Kenyan universities and recruitment agencies have not yet adjusted their messaging to match. The pitch on Kenyan social media, that an American degree converts almost automatically into a US salary, continues to circulate. The May 2026 cohort is the first in years to discover, in such numbers, that the conversion is no longer automatic and that the gap can be financially and emotionally expensive.
A Quiet Argument for Better Counsel
There is a constructive read of the moment, and Mutero, in her own way, gestures toward it. Prospective Kenyan students bound for the US should ask, before they board, whether their target university's international office tracks current EAD wait times honestly and shares them in writing. They should ask whether the school's career centre helps OPT applicants negotiate flexible employer start dates rather than rigid ones. They should ask whether the post-graduation grace period maps cleanly onto the months their savings can actually cover. None of those questions remove the federal queue; all of them reduce its sting.

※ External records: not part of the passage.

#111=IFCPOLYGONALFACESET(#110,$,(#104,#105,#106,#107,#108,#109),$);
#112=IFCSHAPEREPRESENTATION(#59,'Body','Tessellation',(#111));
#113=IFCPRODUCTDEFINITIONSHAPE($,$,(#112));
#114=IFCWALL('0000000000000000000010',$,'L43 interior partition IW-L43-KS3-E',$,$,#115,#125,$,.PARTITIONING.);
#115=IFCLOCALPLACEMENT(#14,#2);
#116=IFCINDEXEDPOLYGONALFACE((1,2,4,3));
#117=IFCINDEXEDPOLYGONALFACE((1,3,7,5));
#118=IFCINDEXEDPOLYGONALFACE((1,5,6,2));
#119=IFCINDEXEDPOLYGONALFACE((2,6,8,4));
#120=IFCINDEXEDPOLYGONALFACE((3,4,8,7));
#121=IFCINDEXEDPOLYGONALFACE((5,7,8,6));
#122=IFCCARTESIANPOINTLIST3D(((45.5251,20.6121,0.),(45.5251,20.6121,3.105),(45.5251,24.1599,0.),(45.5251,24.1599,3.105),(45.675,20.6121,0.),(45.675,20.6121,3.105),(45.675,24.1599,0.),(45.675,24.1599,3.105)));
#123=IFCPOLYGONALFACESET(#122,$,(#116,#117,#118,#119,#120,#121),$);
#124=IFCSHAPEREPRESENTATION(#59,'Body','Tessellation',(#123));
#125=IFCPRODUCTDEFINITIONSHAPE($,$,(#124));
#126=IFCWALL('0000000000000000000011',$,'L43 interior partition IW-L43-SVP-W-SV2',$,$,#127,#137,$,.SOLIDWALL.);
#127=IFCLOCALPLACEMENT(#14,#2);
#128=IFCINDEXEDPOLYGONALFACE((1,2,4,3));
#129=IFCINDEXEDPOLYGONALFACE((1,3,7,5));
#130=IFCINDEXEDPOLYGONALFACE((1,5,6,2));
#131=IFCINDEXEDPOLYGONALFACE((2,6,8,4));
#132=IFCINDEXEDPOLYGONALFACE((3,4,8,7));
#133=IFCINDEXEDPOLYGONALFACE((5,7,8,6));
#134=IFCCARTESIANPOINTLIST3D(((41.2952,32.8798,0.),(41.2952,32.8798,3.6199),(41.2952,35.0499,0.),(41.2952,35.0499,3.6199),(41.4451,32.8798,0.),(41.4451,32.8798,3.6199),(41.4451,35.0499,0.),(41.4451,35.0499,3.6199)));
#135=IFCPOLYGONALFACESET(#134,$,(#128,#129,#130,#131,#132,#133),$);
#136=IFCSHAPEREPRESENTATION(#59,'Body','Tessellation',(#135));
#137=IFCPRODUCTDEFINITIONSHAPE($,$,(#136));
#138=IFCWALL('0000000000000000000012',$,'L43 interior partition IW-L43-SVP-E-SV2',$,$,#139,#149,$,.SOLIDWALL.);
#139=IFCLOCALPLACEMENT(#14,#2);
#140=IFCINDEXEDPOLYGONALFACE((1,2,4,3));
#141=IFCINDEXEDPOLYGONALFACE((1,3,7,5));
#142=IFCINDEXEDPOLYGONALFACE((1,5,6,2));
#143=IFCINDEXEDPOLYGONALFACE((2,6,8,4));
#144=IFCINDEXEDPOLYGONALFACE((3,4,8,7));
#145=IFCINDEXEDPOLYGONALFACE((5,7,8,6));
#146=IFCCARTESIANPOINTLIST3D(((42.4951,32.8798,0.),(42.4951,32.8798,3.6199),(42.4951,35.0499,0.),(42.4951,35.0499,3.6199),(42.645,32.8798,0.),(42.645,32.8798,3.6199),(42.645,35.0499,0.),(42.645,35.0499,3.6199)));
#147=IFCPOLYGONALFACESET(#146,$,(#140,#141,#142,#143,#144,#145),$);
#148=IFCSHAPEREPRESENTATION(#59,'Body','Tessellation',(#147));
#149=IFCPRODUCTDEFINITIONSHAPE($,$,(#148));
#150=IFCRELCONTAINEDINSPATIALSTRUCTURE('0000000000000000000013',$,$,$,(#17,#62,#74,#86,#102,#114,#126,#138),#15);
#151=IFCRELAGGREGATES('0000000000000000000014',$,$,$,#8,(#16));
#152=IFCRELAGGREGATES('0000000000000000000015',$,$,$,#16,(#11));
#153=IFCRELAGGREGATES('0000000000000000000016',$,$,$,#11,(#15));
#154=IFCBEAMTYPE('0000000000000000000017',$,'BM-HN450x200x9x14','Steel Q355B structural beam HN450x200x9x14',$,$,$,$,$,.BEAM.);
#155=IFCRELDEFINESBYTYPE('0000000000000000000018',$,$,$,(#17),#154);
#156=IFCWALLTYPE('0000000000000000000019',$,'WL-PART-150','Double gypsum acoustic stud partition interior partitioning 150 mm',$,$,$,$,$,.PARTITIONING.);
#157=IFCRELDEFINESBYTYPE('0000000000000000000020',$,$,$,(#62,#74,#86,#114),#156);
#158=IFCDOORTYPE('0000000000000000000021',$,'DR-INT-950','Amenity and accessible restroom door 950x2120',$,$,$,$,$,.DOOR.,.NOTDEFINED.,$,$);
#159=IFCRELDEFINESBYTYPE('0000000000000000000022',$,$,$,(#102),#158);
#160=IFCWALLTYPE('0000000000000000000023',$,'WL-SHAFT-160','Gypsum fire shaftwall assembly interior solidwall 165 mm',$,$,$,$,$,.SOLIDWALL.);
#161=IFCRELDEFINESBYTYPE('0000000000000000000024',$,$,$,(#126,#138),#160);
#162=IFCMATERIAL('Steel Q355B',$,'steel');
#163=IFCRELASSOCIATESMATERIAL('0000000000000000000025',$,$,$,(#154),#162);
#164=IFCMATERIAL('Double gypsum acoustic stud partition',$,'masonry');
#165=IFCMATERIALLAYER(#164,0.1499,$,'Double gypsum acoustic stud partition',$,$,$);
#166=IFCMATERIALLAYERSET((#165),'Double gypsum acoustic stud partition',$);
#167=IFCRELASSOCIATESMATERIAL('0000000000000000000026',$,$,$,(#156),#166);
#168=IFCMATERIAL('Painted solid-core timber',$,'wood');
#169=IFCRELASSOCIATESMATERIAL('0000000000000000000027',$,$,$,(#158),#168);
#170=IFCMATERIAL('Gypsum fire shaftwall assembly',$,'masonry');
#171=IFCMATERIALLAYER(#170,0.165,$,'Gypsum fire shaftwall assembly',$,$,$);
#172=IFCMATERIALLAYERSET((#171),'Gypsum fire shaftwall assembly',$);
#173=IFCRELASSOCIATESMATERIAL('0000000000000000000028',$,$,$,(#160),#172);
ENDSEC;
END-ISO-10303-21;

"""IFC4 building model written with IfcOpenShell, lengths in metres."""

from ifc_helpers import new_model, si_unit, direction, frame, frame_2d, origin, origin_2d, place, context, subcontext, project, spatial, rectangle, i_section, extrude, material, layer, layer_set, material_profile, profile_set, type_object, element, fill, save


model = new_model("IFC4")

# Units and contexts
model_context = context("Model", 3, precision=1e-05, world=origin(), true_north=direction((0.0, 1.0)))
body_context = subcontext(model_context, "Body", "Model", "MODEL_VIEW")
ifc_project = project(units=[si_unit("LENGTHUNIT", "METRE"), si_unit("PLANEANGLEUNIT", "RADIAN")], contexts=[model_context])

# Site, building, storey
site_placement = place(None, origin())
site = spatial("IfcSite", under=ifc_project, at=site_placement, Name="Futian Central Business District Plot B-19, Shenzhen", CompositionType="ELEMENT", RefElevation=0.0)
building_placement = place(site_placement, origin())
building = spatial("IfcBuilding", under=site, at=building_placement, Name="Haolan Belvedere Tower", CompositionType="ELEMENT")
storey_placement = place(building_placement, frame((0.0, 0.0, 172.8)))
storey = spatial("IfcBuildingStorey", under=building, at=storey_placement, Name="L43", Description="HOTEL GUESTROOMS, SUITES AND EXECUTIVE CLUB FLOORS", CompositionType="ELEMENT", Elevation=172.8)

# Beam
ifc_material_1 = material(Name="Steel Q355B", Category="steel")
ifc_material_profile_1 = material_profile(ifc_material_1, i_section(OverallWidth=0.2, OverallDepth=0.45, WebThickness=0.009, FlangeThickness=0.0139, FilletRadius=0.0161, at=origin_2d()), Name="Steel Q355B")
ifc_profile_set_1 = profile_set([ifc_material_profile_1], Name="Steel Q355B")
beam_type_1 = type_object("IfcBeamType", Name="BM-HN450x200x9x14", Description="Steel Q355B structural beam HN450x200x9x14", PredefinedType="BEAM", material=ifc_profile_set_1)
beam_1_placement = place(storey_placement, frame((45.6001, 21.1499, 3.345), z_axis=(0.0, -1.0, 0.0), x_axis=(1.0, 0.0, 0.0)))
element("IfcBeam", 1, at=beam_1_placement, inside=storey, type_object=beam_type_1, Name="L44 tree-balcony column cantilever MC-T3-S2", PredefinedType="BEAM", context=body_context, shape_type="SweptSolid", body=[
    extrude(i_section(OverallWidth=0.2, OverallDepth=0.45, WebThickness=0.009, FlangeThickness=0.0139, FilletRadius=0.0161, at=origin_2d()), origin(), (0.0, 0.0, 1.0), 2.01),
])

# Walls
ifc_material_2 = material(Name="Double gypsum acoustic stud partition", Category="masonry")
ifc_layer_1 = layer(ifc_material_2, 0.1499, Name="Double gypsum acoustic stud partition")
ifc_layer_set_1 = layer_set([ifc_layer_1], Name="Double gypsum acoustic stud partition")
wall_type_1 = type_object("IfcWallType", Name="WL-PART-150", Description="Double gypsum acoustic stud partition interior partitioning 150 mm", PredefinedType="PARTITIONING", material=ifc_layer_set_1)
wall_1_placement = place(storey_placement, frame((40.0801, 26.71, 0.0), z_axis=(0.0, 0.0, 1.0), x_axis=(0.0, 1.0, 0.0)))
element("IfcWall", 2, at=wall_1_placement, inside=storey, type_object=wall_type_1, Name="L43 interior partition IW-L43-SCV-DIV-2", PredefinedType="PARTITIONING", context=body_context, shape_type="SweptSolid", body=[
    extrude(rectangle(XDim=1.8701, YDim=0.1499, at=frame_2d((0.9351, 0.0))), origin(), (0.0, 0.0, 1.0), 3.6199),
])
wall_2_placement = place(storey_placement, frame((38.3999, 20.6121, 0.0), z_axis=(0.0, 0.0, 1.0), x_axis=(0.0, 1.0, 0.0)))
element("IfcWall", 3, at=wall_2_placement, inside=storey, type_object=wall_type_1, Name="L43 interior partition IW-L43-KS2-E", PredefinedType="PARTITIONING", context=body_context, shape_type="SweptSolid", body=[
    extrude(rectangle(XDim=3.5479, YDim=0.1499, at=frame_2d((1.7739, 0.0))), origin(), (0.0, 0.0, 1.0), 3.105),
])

For graduates already in the wait, the practical guidance from US immigration counsel this spring has converged on a short list. File the I-765 the day you become eligible, even if the start date on the offer is months away. Keep the I-20 endorsed and the SEVIS record clean. Stay inside the 60-day grace window for any move or change of address. Communicate early and clearly with the prospective employer so the start date is bracketed, not blown. And, where the budget allows, treat the wait as a public-policy moment rather than a private failure, because the queue belongs to a system, not to the individual.
The card will come. For most graduates, eventually, it does. But the Kenyan cohort of 2026 is learning a harder version of that sentence than the class before them, and the lesson is reshaping how Kenyan families talk, this summer, about whether American graduate school is still the bridge they thought it was.